Geometry-Misalignment in Distributional Learning
Abstract
Distributional learning problems optimize discrepancies between probability measures, including optimal transport or Sinkhorn divergence, yet are typically optimized using Euclidean first-order methods in parameter space. We show this mismatch is structural rather than algorithmic. We introduce geometry-misalignment, a local condition number that measures distortion between Euclidean geometry and the intrinsic geometry induced by a distributional objective. For a broad class of problems, we establish lower bounds demonstrating that Euclidean first-order methods incur an unavoidable convergence slowdown proportional to misalignment, even under intrinsic strong convexity and smoothness. We further prove geometry-aware preconditioned methods attain matching upper bounds independent of misalignment, yielding a sharp separation between Euclidean optimization and geometry-aware optimization.
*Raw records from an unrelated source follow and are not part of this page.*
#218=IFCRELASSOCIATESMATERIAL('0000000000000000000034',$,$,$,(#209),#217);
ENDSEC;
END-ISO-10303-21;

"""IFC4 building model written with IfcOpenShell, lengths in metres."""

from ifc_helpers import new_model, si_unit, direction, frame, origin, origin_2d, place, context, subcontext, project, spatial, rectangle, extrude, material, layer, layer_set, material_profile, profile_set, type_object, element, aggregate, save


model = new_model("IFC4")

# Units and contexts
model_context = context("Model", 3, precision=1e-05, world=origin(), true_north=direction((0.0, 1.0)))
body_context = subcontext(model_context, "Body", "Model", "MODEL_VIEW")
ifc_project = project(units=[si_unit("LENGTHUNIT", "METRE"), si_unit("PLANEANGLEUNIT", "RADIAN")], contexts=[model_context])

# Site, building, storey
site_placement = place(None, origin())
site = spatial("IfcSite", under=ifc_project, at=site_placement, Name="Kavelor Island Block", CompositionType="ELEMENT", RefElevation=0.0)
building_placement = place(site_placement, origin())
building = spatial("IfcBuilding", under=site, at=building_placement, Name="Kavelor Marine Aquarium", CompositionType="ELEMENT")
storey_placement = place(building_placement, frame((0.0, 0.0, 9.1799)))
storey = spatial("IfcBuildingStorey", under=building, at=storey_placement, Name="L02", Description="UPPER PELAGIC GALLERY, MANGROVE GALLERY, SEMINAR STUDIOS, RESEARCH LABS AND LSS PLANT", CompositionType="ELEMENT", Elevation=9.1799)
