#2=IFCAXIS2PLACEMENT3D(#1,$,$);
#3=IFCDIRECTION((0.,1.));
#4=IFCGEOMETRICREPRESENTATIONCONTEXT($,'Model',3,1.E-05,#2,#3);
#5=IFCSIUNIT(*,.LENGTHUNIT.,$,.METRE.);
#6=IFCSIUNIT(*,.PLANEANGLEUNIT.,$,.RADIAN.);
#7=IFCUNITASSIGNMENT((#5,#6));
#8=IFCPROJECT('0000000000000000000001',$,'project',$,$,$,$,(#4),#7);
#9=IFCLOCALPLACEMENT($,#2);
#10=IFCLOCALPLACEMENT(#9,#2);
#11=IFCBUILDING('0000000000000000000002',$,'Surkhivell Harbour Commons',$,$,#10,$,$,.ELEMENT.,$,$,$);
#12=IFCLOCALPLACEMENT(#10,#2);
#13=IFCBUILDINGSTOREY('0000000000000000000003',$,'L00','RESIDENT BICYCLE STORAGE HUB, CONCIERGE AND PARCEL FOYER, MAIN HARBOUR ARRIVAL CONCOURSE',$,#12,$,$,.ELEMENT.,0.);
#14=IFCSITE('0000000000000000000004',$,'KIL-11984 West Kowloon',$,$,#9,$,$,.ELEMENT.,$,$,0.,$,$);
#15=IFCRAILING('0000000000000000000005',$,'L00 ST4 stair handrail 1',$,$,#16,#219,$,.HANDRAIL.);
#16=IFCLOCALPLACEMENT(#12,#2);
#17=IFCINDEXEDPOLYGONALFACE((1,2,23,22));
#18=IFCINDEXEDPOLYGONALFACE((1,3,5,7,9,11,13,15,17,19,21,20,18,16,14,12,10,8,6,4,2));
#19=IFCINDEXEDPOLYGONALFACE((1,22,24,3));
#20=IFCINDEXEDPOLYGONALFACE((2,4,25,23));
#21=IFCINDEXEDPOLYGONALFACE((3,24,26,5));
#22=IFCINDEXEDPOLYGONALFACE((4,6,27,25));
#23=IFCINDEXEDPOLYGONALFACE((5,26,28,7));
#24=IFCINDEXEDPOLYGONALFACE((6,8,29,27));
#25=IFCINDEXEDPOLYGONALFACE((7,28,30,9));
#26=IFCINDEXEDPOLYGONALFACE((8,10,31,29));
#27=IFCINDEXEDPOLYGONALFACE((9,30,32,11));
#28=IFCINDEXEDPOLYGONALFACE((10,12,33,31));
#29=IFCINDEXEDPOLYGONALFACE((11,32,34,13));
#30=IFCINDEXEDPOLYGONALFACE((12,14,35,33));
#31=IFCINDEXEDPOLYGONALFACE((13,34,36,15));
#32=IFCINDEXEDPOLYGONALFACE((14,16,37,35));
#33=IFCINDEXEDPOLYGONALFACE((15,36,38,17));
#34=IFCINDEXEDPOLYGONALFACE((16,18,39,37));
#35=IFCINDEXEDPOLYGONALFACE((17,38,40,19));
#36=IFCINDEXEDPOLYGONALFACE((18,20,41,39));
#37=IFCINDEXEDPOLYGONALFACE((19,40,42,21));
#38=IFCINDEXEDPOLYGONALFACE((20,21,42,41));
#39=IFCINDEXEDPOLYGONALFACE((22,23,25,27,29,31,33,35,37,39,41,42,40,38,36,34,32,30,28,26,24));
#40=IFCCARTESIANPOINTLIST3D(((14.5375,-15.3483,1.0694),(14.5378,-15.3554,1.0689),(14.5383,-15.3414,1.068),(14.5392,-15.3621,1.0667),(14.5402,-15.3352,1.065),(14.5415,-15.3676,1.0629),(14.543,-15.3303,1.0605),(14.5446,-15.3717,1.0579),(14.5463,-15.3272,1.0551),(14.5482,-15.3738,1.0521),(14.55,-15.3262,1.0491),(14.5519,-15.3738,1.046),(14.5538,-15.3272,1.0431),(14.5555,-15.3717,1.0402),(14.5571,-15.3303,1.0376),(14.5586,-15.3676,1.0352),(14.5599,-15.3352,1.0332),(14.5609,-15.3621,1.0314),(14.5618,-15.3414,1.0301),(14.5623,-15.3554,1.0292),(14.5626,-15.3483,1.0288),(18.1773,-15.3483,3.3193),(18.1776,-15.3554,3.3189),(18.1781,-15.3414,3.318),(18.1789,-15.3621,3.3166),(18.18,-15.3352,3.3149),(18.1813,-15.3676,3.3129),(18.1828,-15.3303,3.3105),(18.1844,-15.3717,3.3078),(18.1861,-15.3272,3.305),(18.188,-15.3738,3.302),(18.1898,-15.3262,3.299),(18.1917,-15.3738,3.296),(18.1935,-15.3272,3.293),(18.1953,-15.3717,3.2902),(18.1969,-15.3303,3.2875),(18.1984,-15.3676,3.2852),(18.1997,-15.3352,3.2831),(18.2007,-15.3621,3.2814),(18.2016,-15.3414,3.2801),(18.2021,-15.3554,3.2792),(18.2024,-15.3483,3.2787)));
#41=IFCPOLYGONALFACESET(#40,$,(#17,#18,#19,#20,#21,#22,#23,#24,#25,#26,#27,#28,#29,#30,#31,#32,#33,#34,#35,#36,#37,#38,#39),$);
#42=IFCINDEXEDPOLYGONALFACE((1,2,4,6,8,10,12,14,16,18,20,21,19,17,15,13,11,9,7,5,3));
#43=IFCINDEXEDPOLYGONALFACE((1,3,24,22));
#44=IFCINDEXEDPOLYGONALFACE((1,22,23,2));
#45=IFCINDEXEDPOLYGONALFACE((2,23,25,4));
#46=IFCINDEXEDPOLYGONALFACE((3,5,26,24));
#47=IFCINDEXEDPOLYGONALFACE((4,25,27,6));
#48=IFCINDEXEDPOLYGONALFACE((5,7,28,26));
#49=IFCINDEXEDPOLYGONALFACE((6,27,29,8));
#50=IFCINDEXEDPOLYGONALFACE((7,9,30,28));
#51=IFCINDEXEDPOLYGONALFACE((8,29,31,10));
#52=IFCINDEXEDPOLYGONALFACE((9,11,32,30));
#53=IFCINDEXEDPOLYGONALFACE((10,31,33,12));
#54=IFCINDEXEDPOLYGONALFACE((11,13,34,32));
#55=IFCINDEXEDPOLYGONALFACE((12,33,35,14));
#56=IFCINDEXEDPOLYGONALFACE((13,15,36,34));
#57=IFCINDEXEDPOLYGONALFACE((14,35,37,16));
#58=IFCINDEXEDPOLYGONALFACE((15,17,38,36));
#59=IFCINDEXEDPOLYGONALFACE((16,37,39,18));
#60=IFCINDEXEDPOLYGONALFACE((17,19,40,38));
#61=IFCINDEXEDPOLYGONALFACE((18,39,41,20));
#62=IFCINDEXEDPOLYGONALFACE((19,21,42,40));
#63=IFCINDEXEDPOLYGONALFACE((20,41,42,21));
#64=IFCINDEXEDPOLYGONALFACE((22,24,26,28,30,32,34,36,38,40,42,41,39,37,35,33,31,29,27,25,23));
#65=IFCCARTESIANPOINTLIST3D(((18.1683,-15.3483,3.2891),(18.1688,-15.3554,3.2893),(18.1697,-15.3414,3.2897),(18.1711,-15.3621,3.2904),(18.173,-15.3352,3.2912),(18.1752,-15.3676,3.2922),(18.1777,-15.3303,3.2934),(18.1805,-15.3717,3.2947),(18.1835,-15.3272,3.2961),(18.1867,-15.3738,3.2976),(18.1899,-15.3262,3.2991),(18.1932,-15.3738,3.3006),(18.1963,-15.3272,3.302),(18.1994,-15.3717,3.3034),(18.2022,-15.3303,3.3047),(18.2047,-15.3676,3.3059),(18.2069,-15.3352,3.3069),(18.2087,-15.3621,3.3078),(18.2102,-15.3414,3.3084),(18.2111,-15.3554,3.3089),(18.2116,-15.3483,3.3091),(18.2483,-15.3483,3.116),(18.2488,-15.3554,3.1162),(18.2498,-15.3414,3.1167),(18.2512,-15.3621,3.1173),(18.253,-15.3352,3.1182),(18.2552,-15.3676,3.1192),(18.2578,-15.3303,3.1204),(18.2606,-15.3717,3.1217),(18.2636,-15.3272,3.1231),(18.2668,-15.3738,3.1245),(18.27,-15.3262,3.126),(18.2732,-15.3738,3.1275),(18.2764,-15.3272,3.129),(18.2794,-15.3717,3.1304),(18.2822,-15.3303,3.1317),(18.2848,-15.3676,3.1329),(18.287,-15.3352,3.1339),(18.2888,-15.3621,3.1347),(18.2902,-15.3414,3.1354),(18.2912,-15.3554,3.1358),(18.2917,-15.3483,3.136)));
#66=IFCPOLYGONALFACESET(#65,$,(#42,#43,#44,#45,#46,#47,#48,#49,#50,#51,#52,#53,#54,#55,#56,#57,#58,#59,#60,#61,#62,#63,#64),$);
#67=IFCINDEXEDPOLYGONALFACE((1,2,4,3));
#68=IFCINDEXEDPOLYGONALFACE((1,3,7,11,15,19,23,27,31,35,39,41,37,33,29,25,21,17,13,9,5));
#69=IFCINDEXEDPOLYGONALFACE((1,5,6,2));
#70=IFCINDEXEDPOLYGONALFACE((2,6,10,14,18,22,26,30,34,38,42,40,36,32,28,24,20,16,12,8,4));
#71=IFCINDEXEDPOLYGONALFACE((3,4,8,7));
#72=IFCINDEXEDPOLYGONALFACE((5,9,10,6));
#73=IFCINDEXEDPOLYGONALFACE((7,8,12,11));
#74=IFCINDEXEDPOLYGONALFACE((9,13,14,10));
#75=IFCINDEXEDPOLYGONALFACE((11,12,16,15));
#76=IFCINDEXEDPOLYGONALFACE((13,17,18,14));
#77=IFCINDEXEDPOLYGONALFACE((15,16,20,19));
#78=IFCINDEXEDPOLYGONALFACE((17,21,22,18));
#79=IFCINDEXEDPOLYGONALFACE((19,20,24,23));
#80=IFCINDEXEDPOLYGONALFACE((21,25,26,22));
Beyond convergence rates, we show geometry-misalignment induces an optimization-dependent excess risk term under finite budgets, directly linking optimization geometry with statistical efficiency. We develop a geometry-calibrated optimization framework that estimates misalignment and selectively activates geometry-aware updates when necessary. Experiments on distribution matching for domain adaptation validate the theory, with improvements concentrated in high-misalignment regimes and negligible overhead.